In other words, the US government tries to pretend these are loans by putting SSNs on the accounts, which ends up screwing over some hapless US citizen, when they should just treat them as gifts, because in reality it looks like they are.

Comment Re:Not enough data (Score 5, Insightful) 288

Ugg, how is it that the parent is modded down but the GP is modded insightful? The GP is basically just saying "well, that doesn't feel like enough to me", while the parent points out accurately that it very easy to determine what the probability is that the results are due to chance. Since the article states that the researchers obtained "significantly" more cigarettes, I'm assuming that this is at least based on the common level of 5%. You can have a small sample size that is highly statistically significant if the skew is large enough. Unfortunately, even on slashdot, most people don't understand statistics.

That said, hypothesis testing just determines the probability that the results are NOT due to chance. Thus, it's totally possible that the results are due to something different that what the researchers propose - maybe they were just friendlier when asking from the right side.

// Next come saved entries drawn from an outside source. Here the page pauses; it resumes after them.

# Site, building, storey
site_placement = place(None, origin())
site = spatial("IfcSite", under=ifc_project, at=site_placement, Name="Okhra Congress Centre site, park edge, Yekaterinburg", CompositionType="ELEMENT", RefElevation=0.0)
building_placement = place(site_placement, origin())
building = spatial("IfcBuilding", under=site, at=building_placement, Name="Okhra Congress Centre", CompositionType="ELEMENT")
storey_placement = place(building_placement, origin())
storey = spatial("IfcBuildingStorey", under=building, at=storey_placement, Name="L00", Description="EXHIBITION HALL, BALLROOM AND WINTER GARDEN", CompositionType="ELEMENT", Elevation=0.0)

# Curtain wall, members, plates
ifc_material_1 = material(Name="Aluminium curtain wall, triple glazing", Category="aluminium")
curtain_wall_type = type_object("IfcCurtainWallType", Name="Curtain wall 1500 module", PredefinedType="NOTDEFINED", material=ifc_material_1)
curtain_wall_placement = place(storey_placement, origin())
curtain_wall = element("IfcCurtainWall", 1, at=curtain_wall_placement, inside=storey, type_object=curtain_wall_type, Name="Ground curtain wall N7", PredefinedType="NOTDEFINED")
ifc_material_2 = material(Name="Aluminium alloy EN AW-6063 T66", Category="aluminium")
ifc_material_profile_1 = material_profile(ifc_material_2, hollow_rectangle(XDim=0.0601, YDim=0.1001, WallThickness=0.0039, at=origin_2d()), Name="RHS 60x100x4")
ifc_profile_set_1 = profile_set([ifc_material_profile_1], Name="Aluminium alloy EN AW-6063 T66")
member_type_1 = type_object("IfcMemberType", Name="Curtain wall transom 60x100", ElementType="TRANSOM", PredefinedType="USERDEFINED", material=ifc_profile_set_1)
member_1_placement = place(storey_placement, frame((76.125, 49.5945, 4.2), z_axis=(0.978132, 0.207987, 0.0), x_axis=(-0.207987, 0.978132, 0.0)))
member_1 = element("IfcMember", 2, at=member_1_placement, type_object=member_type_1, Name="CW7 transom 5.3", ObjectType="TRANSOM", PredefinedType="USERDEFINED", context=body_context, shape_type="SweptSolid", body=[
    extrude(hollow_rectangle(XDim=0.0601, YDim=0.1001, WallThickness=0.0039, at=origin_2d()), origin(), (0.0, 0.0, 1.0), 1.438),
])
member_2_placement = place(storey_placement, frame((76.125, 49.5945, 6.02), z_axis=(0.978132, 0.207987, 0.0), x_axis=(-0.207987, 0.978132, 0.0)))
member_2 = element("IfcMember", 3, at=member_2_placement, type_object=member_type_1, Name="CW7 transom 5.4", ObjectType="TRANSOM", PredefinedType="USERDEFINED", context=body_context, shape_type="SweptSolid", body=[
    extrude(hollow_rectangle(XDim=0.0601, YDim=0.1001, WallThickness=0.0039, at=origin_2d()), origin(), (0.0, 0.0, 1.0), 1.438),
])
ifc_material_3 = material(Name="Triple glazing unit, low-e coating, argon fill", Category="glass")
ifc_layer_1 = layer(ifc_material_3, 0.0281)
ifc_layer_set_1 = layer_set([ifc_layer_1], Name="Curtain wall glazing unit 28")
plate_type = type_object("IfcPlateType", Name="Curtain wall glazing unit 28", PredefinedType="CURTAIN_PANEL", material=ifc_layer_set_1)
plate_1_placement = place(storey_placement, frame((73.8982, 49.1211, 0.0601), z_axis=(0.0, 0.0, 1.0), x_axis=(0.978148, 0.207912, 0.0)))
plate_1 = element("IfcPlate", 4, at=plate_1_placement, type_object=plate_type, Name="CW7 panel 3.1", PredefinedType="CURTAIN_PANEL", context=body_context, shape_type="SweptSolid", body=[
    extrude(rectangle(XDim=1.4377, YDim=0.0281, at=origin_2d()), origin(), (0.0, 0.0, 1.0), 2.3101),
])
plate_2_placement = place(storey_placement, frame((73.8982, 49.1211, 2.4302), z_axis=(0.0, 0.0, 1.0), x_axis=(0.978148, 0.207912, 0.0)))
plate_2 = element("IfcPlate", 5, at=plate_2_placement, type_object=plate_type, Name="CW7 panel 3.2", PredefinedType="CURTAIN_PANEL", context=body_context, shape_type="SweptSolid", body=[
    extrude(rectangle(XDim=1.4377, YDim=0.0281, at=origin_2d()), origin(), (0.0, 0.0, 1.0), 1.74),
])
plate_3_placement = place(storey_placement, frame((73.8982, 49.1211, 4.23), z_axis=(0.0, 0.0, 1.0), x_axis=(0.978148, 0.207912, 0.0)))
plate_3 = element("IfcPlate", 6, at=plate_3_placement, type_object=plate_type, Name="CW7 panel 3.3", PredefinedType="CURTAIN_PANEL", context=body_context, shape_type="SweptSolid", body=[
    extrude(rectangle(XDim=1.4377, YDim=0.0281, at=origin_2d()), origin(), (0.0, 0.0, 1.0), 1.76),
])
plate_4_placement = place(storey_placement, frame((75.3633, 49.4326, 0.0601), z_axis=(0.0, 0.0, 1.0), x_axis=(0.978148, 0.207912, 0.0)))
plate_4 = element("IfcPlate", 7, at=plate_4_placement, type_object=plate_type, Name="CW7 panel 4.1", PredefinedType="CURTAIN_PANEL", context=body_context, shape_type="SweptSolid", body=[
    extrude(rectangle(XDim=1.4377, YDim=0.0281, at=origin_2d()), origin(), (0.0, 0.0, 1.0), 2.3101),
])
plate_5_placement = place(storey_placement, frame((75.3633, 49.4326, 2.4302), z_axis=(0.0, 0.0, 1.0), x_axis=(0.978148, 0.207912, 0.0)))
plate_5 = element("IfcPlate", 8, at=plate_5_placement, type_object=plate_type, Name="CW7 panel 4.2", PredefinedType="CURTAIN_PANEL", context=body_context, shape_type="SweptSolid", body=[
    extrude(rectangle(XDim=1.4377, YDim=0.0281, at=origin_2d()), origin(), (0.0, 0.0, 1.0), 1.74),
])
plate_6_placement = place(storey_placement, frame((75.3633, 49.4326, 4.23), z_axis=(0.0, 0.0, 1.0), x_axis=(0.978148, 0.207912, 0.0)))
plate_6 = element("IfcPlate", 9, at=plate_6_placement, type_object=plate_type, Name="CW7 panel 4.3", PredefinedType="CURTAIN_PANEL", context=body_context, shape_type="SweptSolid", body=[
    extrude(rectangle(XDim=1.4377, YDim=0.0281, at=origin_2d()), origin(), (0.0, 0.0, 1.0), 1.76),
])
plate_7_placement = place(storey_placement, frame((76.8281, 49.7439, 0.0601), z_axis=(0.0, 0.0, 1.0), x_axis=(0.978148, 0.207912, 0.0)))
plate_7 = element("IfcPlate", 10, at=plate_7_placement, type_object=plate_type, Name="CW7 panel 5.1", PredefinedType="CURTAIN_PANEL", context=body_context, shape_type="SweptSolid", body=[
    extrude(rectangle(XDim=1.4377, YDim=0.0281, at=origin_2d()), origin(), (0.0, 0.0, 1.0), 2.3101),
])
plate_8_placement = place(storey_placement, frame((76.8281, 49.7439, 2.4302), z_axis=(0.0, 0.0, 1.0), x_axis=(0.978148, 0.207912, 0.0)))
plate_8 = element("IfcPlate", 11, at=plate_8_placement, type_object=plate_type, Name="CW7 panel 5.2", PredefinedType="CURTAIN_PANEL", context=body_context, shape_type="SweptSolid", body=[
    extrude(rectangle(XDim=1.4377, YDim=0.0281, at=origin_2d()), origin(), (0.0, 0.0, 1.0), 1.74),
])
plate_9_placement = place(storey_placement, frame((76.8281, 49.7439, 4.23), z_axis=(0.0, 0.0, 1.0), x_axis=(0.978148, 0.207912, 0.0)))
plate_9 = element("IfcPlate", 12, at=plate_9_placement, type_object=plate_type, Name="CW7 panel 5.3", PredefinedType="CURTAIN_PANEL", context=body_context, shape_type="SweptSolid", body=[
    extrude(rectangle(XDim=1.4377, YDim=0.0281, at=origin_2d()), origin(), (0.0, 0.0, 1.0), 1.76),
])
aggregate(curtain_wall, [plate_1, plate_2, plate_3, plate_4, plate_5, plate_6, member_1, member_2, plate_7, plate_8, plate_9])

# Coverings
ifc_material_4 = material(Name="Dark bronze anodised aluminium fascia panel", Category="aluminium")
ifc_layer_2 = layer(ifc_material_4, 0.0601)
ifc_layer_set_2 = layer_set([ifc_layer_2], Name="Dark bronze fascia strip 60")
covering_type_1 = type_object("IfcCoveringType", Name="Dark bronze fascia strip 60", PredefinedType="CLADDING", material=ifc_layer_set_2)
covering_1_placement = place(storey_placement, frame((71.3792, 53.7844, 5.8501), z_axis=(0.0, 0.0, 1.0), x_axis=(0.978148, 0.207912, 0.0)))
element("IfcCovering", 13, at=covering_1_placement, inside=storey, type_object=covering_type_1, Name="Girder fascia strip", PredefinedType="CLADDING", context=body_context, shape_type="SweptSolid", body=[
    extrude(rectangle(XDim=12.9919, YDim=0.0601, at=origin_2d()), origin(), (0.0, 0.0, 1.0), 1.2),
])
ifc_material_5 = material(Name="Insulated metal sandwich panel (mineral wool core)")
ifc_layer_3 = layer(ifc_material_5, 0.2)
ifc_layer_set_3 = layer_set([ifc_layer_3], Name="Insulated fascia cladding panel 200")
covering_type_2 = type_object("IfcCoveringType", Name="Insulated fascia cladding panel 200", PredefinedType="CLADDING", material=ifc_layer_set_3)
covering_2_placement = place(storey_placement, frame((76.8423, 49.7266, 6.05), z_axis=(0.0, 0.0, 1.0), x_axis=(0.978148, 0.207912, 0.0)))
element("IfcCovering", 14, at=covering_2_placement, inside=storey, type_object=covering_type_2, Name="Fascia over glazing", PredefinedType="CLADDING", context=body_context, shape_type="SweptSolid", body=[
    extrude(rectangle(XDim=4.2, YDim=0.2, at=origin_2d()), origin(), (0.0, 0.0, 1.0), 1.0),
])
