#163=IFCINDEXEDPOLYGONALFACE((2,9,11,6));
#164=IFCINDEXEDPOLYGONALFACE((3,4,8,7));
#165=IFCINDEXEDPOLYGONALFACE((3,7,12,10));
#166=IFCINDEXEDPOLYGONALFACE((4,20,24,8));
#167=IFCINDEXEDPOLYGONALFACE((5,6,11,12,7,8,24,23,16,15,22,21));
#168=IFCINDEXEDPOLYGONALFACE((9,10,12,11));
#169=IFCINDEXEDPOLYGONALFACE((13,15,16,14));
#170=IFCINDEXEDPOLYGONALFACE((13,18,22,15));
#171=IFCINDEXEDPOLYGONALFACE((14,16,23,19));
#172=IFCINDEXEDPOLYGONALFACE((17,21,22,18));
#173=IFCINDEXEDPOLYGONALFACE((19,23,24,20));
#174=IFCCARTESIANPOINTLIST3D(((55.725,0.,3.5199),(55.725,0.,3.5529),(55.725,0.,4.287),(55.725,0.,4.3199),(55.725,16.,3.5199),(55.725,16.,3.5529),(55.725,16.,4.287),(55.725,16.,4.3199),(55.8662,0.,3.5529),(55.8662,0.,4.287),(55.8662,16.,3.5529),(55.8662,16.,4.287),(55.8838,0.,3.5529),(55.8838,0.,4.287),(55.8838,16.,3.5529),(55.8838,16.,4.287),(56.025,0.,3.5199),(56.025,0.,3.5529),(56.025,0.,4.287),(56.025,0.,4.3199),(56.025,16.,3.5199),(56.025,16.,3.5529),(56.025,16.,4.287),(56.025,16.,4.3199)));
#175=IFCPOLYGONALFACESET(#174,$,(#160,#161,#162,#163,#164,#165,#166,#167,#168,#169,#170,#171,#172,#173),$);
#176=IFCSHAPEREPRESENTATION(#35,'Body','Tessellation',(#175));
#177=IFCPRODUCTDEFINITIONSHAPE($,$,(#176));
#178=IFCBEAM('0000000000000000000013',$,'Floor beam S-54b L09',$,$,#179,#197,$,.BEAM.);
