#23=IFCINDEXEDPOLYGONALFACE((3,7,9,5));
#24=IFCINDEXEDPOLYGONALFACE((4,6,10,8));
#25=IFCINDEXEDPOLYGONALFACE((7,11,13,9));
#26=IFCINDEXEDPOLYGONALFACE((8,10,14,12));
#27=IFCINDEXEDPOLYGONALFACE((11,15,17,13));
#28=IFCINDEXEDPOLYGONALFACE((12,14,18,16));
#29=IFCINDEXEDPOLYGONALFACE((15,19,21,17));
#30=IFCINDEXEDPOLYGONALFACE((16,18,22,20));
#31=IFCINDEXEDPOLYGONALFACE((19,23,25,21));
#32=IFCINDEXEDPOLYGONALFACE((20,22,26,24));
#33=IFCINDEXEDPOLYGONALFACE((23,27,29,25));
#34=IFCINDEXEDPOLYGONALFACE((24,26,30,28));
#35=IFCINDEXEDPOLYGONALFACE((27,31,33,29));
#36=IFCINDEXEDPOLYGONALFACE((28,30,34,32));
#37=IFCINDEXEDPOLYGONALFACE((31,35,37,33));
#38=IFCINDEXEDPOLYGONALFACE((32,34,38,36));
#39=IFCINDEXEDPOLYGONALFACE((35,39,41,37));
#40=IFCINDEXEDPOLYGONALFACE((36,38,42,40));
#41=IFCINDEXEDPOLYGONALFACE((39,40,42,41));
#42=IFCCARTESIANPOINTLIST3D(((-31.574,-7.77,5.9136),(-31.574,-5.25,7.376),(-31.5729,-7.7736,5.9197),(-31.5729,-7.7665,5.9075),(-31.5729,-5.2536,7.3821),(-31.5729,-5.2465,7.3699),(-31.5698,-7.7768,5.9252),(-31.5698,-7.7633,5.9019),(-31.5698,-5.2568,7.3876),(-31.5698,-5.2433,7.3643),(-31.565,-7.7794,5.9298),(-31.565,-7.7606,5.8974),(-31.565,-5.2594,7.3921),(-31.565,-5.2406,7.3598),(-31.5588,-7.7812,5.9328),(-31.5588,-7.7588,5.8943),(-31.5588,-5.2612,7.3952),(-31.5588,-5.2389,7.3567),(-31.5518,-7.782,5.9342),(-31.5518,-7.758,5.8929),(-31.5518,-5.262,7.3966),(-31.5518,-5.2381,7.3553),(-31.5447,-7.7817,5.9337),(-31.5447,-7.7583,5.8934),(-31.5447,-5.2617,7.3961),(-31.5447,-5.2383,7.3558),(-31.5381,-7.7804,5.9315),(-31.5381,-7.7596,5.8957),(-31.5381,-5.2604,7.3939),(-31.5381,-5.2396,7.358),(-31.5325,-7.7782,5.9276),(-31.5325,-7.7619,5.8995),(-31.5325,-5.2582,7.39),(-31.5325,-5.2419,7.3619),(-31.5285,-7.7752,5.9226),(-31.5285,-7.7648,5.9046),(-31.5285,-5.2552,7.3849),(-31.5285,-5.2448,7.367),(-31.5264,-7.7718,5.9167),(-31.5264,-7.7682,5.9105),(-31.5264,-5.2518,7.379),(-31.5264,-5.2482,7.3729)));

Comment Re:Good update. (Score 1) 770

Actually, the big news to me that seems to be somewhat lost on the slashdot crowd is how Apple is really gunning for the business market that RIM has previously owned. Remote wipe, hardware encryption, and Exchange support in Snow Leopard are HUGE for businesses. I think that lots of businesses (or at least many of the employees of those businesses) would have preferred to use iPhones and Macs in the past, but the lack of those features were deal breakers from the IT department perspective. Now there seems to be much less of a reason for IT depts. to be against Apple products.

Comment Re:yeh, too bad... (Score 1) 770

I bought one of the original iPhones when it came out, and I would stay it is still by far the best consumer electronics device I've owned. A big reason I like it so much is that for the past two years I've been able to get the vast majority of useful new features for free due to the OS updates. I think of all the features that I actually USE on a regular basis that didn't exist when I first bought the phone, like the music store, the app store, cell triangulation, and all the functionality provided by the apps, and I'd say this is the first phone I've owned that didn't start to feel outdated right after I bought it.

In fact, I've never even really felt that compelled to upgrade because, for me, the majority of the functionality in the new phones is in the OS vs. the hardware.